Mark Wieder wrote:
Here's mine again, but I like your benchmarks. I did this with a
single repeat loop rather than your nested one, but otherwise I think
we're testing the same thing. I didn't stress-test this the way you
did with large data clumps, so I think I'd trust your conclusions for
real-world applications.

on mouseUp
    local temp
    local s
    local accum

    put "XXX" into temp
    put the ticks into s
    repeat 1000000 -- yes, that's a million
        append temp, accum
    end repeat
    put the ticks - s into field 1
    answer length(accum)
end mouseUp

command append pNew, @pString
    put pNew after pString
end append

No doubt passing the variable by reference is much faster than requiring a copy, but both will be slower than doing the work inline (which is often non-copying by nature) because of the overhead of the separate function call.

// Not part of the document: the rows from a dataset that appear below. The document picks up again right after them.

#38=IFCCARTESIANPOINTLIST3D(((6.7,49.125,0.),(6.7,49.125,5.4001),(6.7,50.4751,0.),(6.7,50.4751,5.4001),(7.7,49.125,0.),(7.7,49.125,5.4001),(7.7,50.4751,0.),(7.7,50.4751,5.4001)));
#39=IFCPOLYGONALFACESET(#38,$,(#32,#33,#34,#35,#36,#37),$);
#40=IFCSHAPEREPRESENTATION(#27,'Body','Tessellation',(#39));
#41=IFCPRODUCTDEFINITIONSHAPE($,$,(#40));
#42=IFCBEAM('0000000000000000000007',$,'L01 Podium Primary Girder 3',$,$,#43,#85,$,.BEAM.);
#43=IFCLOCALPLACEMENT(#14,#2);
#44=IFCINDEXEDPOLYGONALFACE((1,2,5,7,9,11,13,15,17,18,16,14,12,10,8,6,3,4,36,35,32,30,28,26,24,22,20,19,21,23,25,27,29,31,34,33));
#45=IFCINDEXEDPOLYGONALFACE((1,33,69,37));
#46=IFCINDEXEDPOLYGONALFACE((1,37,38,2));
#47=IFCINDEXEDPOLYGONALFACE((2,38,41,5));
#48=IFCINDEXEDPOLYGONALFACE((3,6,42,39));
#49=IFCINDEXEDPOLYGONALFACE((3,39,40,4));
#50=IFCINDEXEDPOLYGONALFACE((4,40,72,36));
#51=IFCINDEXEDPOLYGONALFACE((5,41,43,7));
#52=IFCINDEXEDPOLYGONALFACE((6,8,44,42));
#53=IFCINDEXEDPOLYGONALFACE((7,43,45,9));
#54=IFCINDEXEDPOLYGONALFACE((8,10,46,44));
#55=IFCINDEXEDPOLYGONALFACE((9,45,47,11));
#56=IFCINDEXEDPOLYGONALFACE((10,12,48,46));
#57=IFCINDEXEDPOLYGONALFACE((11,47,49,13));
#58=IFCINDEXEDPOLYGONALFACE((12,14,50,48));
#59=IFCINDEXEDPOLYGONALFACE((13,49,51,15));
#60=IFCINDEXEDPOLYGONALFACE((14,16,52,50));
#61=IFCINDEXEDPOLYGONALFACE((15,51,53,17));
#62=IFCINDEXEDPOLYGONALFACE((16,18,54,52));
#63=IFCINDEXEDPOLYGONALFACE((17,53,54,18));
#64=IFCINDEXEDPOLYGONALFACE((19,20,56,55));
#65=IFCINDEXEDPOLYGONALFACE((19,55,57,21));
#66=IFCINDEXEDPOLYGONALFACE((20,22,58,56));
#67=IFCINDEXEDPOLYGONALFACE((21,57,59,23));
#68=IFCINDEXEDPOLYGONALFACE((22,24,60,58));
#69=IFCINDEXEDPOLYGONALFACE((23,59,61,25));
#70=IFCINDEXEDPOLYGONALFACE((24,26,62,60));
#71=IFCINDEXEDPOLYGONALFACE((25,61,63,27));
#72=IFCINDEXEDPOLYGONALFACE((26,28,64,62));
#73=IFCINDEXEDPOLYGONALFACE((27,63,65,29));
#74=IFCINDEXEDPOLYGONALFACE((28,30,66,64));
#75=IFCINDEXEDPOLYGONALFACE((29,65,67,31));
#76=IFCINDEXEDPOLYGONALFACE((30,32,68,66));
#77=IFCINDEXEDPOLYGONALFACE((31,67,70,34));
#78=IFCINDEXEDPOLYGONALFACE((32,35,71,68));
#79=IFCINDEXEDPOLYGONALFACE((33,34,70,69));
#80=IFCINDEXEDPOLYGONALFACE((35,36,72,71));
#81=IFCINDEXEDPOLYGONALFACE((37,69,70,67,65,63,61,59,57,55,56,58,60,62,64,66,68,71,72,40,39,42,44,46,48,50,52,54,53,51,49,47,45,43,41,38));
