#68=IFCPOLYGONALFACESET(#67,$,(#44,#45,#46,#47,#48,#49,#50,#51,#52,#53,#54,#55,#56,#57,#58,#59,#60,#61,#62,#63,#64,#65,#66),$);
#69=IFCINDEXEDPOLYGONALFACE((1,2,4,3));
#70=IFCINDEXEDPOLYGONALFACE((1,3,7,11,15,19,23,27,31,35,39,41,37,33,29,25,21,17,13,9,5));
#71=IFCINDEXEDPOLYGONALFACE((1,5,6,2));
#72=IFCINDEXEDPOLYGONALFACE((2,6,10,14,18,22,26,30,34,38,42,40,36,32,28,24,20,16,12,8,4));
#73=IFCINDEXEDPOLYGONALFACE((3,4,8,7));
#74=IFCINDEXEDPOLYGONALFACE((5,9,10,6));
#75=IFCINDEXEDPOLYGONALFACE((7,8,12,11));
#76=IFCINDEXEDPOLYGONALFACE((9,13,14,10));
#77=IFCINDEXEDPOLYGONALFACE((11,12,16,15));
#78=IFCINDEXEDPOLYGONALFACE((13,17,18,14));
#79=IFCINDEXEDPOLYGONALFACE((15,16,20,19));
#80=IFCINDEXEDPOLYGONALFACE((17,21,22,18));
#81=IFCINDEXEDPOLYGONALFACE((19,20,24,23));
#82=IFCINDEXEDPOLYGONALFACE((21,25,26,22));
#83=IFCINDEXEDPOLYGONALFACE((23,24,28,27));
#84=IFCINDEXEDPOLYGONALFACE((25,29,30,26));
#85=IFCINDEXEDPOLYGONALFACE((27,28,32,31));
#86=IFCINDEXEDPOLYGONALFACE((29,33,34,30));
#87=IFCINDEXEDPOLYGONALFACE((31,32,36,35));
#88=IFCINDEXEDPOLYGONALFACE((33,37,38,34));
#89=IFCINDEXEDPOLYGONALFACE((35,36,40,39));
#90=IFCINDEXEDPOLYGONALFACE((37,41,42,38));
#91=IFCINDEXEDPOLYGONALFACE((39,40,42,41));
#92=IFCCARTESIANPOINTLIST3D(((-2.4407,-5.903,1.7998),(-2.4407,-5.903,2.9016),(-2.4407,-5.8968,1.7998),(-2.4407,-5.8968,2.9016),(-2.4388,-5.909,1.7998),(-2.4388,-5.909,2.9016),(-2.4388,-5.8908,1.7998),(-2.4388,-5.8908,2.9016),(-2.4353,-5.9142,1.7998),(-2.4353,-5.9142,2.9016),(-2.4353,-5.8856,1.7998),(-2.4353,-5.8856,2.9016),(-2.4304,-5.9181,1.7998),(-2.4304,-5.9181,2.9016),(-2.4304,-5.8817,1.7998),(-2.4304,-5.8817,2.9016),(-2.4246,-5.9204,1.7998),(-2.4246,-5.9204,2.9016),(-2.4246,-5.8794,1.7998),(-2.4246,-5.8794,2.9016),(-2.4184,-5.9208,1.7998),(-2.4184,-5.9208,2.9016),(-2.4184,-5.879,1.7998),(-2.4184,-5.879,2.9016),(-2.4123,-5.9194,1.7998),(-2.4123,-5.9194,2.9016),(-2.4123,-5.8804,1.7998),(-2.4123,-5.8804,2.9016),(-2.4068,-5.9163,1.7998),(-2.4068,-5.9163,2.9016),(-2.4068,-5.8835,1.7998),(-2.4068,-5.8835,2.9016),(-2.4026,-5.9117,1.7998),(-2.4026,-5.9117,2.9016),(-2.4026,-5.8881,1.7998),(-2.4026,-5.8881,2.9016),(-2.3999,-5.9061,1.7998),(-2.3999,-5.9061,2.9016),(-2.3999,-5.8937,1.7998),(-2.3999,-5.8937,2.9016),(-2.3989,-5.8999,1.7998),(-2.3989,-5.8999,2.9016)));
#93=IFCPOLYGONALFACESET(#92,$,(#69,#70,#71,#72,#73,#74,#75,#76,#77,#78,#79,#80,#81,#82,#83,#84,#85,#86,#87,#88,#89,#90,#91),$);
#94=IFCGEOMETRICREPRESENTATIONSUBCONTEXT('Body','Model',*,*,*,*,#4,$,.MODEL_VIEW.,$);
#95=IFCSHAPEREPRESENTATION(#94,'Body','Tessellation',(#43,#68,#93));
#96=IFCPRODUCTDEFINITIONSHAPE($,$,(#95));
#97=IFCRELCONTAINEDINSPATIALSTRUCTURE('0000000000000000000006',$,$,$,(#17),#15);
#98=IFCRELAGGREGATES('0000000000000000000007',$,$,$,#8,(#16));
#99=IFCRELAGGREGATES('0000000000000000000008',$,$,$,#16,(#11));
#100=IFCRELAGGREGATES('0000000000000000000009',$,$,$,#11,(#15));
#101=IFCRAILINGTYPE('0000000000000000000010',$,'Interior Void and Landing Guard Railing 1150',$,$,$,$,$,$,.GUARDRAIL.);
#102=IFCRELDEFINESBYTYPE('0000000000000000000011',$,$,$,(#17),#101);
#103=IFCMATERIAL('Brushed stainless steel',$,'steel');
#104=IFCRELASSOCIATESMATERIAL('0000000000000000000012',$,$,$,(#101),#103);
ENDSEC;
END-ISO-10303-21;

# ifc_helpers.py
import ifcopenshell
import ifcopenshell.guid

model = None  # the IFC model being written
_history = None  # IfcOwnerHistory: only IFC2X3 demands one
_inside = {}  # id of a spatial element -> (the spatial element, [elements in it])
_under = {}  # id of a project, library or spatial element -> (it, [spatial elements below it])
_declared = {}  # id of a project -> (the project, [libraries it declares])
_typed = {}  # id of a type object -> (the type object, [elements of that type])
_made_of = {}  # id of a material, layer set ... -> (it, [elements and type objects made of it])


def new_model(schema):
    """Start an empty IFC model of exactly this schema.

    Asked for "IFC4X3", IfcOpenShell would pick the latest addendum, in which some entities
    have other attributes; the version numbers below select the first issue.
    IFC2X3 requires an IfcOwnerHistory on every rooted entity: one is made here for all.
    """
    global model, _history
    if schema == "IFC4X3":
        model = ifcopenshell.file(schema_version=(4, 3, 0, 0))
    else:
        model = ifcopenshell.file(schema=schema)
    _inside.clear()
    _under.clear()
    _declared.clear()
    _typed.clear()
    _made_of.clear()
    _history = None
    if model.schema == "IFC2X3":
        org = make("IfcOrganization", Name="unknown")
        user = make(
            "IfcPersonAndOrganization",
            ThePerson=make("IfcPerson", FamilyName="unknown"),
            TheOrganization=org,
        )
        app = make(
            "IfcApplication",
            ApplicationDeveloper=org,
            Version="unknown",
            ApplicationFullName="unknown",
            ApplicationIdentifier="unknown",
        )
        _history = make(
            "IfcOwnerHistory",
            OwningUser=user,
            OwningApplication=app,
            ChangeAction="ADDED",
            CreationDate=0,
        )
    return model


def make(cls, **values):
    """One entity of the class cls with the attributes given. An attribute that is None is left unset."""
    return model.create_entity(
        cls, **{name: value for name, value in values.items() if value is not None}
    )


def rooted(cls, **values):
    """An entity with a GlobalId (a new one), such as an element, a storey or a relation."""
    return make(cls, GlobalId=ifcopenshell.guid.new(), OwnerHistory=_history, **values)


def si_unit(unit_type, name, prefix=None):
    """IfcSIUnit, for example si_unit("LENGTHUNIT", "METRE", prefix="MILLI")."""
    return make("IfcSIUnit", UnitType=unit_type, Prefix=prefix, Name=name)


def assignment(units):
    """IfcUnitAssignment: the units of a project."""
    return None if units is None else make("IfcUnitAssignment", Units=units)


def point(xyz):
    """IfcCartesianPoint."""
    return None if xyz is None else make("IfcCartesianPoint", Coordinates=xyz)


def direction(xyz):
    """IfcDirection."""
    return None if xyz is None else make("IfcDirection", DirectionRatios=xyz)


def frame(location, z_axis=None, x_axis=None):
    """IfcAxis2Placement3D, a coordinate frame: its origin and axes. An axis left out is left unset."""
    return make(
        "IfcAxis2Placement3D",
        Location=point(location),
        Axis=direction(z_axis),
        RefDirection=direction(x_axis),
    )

To measure that overhead I made this quick test:

on mouseUp
   -- Number of iterations:
   put 10000 into n
   --
   -- Test 1: inline:
   put the millisecs into t
   repeat n
      get 1+1
   end repeat
   put the millisecs - t into t1
   --
   -- Test 2: function call:
   put the millisecs into t
   repeat n
      get foo()
   end repeat
   put the millisecs - t into t2
   --
   -- results:
   put t1 && t2
end mouseUp

function foo
   return 1+1
end foo

Here's the result:

0.0003 0.0014

On the one hand, the overhead seems quite impressive, with more than four times the performance when we can do the work inline rather than call out to a function.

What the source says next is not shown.